New Testament · Gospel — theological biography
Matthew
Matthew was written to demonstrate that Jesus of Nazareth is Israel's long-promised Messiah — the son of Abraham and son of David in whom the Old Testament story reaches its goal.
- Author
- Traditionally the apostle Matthew (Levi), a former tax collector
- Written
- c. AD 60–85
- Genre
- Gospel — theological biography
- Chapters
- 28
- Audience
- Primarily Jewish Christians steeped in the Old Testament
- Setting
- Galilee and Judea (modern Israel/Palestine), under Roman occupation
Why it was written
Matthew was written to demonstrate that Jesus of Nazareth is Israel's long-promised Messiah — the son of Abraham and son of David in whom the Old Testament story reaches its goal. Again and again the book pauses to note that events happened "that it might be fulfilled which was spoken through the prophet," building a case for Jewish readers wrestling with whether to follow Jesus.
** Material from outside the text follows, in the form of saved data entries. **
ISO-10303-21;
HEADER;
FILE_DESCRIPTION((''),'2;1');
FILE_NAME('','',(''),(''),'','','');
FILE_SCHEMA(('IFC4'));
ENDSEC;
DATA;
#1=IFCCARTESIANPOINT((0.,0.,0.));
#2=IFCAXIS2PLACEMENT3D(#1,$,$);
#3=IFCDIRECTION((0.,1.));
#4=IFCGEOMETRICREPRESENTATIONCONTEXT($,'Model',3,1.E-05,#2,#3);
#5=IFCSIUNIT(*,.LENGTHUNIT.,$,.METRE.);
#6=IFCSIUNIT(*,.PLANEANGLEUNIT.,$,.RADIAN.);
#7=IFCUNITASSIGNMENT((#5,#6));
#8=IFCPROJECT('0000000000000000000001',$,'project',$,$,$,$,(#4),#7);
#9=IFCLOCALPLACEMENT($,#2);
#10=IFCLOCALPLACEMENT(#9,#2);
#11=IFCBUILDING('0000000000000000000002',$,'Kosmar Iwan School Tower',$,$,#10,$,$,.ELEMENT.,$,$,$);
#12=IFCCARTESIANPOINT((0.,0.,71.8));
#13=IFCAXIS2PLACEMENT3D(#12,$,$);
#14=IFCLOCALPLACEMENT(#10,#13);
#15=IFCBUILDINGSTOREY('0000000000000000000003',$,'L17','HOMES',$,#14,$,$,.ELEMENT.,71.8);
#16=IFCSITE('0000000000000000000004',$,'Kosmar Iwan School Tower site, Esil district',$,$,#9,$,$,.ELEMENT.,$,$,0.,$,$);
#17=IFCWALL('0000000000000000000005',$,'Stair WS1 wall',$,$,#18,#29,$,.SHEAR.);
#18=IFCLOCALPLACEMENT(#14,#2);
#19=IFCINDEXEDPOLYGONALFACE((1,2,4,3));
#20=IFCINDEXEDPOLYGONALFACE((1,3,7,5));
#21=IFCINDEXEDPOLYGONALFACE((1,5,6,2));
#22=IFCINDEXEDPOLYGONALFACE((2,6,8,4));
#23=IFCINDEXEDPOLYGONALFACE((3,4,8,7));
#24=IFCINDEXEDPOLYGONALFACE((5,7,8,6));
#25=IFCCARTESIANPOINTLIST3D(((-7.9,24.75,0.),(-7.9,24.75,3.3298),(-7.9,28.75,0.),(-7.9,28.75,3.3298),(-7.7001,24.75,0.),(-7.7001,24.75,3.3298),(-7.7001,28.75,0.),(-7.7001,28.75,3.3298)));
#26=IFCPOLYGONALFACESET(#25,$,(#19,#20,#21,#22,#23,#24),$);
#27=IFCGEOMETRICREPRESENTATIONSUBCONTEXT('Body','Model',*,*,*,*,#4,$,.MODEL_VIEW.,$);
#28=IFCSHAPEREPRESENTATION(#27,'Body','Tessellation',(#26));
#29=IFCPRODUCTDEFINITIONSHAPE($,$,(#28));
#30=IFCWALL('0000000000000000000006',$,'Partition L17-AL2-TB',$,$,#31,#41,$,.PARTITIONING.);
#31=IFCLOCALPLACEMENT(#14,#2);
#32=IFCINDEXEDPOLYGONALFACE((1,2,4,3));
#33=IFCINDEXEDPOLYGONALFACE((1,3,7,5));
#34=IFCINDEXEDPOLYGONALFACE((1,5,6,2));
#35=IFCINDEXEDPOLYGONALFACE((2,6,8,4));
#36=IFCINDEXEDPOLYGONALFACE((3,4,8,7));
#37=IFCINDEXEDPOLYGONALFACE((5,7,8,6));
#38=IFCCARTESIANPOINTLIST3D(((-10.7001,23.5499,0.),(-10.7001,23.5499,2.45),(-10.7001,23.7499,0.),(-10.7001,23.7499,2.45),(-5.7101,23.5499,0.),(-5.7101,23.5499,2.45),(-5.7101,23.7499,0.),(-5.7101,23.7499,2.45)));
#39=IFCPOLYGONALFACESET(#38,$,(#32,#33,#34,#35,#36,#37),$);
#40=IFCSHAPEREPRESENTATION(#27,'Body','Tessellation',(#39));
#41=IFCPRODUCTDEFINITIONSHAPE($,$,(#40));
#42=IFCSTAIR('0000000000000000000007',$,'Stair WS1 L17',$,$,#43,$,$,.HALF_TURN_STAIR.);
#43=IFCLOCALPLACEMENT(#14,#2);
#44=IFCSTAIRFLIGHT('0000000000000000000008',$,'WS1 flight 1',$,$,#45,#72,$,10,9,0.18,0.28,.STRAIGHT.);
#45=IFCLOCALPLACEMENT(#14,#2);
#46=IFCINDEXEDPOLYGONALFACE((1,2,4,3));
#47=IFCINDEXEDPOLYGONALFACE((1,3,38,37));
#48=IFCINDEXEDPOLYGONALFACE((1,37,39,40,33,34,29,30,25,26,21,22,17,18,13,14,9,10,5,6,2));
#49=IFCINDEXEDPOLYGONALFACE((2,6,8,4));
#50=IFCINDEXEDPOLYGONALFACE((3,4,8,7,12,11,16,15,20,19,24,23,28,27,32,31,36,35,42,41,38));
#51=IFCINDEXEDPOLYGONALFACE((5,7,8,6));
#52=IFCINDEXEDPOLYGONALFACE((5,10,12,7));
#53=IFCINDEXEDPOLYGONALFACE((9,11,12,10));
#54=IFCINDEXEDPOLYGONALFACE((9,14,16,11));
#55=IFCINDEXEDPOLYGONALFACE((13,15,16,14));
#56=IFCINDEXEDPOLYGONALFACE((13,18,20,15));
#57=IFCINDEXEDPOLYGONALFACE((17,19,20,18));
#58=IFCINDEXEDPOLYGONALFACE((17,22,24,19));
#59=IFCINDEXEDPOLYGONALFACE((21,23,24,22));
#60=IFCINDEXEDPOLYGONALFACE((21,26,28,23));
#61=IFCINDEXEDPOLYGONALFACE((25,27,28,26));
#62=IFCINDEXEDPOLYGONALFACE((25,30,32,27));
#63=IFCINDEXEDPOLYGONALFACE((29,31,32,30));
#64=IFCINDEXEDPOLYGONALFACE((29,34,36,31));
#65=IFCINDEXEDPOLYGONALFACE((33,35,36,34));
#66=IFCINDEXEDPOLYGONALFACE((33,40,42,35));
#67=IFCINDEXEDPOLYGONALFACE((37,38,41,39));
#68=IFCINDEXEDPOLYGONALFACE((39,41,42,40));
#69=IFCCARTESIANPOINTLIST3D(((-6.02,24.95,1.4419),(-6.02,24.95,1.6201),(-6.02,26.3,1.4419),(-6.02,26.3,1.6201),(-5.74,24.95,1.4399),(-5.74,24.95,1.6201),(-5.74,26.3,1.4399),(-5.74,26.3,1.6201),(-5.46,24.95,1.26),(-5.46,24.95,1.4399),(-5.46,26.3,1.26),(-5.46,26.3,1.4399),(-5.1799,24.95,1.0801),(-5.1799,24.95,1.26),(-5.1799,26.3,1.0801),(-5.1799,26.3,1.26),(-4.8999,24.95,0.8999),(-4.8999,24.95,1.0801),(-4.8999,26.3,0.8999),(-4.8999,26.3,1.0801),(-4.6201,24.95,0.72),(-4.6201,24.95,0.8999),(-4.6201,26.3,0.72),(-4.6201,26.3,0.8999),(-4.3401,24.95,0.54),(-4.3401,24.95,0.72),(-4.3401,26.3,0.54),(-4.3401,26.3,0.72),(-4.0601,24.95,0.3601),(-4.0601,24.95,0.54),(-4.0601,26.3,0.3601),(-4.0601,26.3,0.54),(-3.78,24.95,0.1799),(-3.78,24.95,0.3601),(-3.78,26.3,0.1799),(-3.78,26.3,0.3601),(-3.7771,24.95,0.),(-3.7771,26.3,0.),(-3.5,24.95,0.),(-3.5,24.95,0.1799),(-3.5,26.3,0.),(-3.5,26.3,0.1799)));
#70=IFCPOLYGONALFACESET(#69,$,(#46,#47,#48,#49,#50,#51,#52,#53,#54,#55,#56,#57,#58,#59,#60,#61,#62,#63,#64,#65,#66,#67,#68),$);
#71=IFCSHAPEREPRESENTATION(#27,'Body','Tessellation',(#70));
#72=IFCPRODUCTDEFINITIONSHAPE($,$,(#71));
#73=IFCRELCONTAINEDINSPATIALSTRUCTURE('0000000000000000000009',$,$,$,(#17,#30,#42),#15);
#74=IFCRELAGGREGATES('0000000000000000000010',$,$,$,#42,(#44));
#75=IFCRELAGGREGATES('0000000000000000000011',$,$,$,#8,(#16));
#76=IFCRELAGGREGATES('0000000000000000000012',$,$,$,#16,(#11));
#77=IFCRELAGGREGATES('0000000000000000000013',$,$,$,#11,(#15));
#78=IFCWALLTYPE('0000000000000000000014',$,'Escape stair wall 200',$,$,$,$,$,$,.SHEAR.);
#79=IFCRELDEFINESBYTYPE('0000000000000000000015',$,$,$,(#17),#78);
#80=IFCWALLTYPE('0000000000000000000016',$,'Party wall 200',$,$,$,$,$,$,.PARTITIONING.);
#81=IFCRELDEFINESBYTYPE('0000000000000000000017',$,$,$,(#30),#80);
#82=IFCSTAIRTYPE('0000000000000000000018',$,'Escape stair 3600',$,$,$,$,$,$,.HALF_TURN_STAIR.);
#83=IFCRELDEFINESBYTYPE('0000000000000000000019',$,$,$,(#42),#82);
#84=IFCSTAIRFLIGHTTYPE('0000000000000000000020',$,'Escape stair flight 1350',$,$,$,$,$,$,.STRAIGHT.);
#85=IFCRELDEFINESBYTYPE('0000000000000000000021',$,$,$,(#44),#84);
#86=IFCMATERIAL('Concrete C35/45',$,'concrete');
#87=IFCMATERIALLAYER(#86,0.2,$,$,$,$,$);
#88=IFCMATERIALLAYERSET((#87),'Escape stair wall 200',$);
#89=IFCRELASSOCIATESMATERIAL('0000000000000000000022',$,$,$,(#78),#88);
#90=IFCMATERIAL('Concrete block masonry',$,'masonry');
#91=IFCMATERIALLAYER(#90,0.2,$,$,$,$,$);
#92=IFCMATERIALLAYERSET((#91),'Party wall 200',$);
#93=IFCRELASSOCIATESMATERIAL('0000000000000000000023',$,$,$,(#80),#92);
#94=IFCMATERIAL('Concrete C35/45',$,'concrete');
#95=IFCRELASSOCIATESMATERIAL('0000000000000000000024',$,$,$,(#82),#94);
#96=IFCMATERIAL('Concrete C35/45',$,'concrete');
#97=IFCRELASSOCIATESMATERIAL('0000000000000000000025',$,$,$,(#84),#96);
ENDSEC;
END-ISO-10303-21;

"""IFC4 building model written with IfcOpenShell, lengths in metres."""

from ifc_helpers import new_model, si_unit, direction, frame, frame_2d, origin, place, context, subcontext, project, spatial, polyline, rectangle, outline, extrude, material, layer, layer_set, type_object, element, aggregate, save


model = new_model("IFC4")

# Units and contexts
model_context = context("Model", 3, precision=1e-05, world=origin(), true_north=direction((0.0, 1.0)))
body_context = subcontext(model_context, "Body", "Model", "MODEL_VIEW")
ifc_project = project(units=[si_unit("LENGTHUNIT", "METRE"), si_unit("PLANEANGLEUNIT", "RADIAN")], contexts=[model_context])

# Site, building, storey
site_placement = place(None, origin())
site = spatial("IfcSite", under=ifc_project, at=site_placement, Name="Kosmar Iwan School Tower site, Esil district", CompositionType="ELEMENT", RefElevation=0.0)
building_placement = place(site_placement, origin())
building = spatial("IfcBuilding", under=site, at=building_placement, Name="Kosmar Iwan School Tower", CompositionType="ELEMENT")
storey_placement = place(building_placement, frame((0.0, 0.0, 71.8)))
storey = spatial("IfcBuildingStorey", under=building, at=storey_placement, Name="L17", Description="HOMES", CompositionType="ELEMENT", Elevation=71.8)

# Walls
ifc_material_1 = material(Name="Concrete C35/45", Category="concrete")
ifc_layer_1 = layer(ifc_material_1, 0.2)
ifc_layer_set_1 = layer_set([ifc_layer_1], Name="Escape stair wall 200")
wall_type_1 = type_object("IfcWallType", Name="Escape stair wall 200", PredefinedType="SHEAR", material=ifc_layer_set_1)
wall_1_placement = place(storey_placement, frame((-7.8, 24.75, 0.0), z_axis=(0.0, 0.0, 1.0), x_axis=(0.0, 1.0, 0.0)))
element("IfcWall", 1, at=wall_1_placement, inside=storey, type_object=wall_type_1, Name="Stair WS1 wall", PredefinedType="SHEAR", context=body_context, shape_type="SweptSolid", body=[
    extrude(rectangle(XDim=4.0, YDim=0.2, at=frame_2d((2.0, 0.0))), origin(), (0.0, 0.0, 1.0), 3.3298),
])
ifc_material_2 = material(Name="Concrete block masonry", Category="masonry")
ifc_layer_2 = layer(ifc_material_2, 0.2)
ifc_layer_set_2 = layer_set([ifc_layer_2], Name="Party wall 200")
wall_type_2 = type_object("IfcWallType", Name="Party wall 200", PredefinedType="PARTITIONING", material=ifc_layer_set_2)
wall_2_placement = place(storey_placement, frame((-5.71, 23.6499, 0.0), z_axis=(0.0, 0.0, 1.0), x_axis=(-1.0, 0.0, 0.0)))
element("IfcWall", 2, at=wall_2_placement, inside=storey, type_object=wall_type_2, Name="Partition L17-AL2-TB", PredefinedType="PARTITIONING", context=body_context, shape_type="SweptSolid", body=[
    extrude(rectangle(XDim=4.99, YDim=0.2, at=frame_2d((2.4951, 0.0))), origin(), (0.0, 0.0, 1.0), 2.45),
])

# Stair, stair flight
ifc_material_3 = material(Name="Concrete C35/45", Category="concrete")
stair_type = type_object("IfcStairType", Name="Escape stair 3600", PredefinedType="HALF_TURN_STAIR", material=ifc_material_3)
stair_placement = place(storey_placement, origin())
stair = element("IfcStair", 3, at=stair_placement, inside=storey, type_object=stair_type, Name="Stair WS1 L17", PredefinedType="HALF_TURN_STAIR")
ifc_material_4 = material(Name="Concrete C35/45", Category="concrete")
stair_flight_type = type_object("IfcStairFlightType", Name="Escape stair flight 1350", PredefinedType="STRAIGHT", material=ifc_material_4)
stair_flight_placement = place(storey_placement, frame((-3.5, 25.625, 0.0), z_axis=(0.0, 0.0, 1.0), x_axis=(-1.0, 0.0, 0.0)))
stair_flight = element("IfcStairFlight", 4, at=stair_flight_placement, type_object=stair_flight_type, Name="WS1 flight 1", NumberOfRisers=10, NumberOfTreads=9, PredefinedType="STRAIGHT", RiserHeight=0.18, TreadLength=0.28, context=body_context, shape_type="SweptSolid", body=[
    extrude(outline(polyline([(0.0, 0.0), (0.0, 0.1799), (0.28, 0.1799), (0.28, 0.3601), (0.5601, 0.3601), (0.5601, 0.54), (0.8401, 0.54), (0.8401, 0.72), (1.1201, 0.72), (1.1201, 0.8999), (1.3999, 0.8999), (1.3999, 1.0801), (1.6799, 1.0801), (1.6799, 1.26), (1.96, 1.26), (1.96, 1.4399), (2.24, 1.4399), (2.24, 1.6201), (2.52, 1.6201), (2.52, 1.8), (2.52, 1.4419), (0.2771, 0.0), (0.0, 0.0)])), frame((0.0, 0.675, 0.0), z_axis=(0.0, -1.0, 0.0), x_axis=(1.0, 0.0, 0.0)), (0.0, 0.0, 1.0), 1.3501),
])
aggregate(stair, [stair_flight])

save(model, "model.ifc")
It also equips the young church: five great blocks of teaching (echoing the five books of Moses) give disciples a curriculum for kingdom living, and the book closes by sending them to make disciples of all nations.
Outline
- IGenealogy, birth, and preparation of the Kingch. 1–4
- IIThe Sermon on the Mount — life in the kingdomch. 5–7
- IIIThe King's authority — miracles and the mission of the twelvech. 8–10
- IVRising opposition and parables of the kingdomch. 11–13
- VTraining the disciples — confession, transfiguration, communitych. 14–20
- VIJerusalem — confrontation, woes, and the Olivet Discoursech. 21–25
- VIIDeath, resurrection, and the Great Commissionch. 26–28
Where it fits in the big story
Matthew is the hinge between the Testaments. Its opening line — "the book of the genealogy of Jesus Christ, the son of David, the son of Abraham" — deliberately picks up the promises made in Genesis, and the whole Gospel argues that the covenant story of Israel lands on Jesus. The blessing promised to Abraham for "all the families of the earth" begins reaching the nations in the final command: go, make disciples of all nations. The kingdom Jesus announces is the down payment of the new creation the Bible ends with.
How to read it
A Gospel is a theological biography: historically grounded, but arranged to make a point, not to give a day-by-day diary. Watch Matthew's structure — narrative sections alternate with five teaching discourses, each ending "when Jesus had finished these words." Notice the fulfillment quotations and ask what Old Testament thread each one ties off. Read the Sermon on the Mount as the King describing his kingdom's character, and read the parables slowly; they reveal and conceal at the same time.
Key verse · Matthew 28:19–20
“Go and make disciples of all nations, baptizing them in the name of the Father and of the Son and of the Holy Spirit... Behold, I am with you always, even to the end of the age.”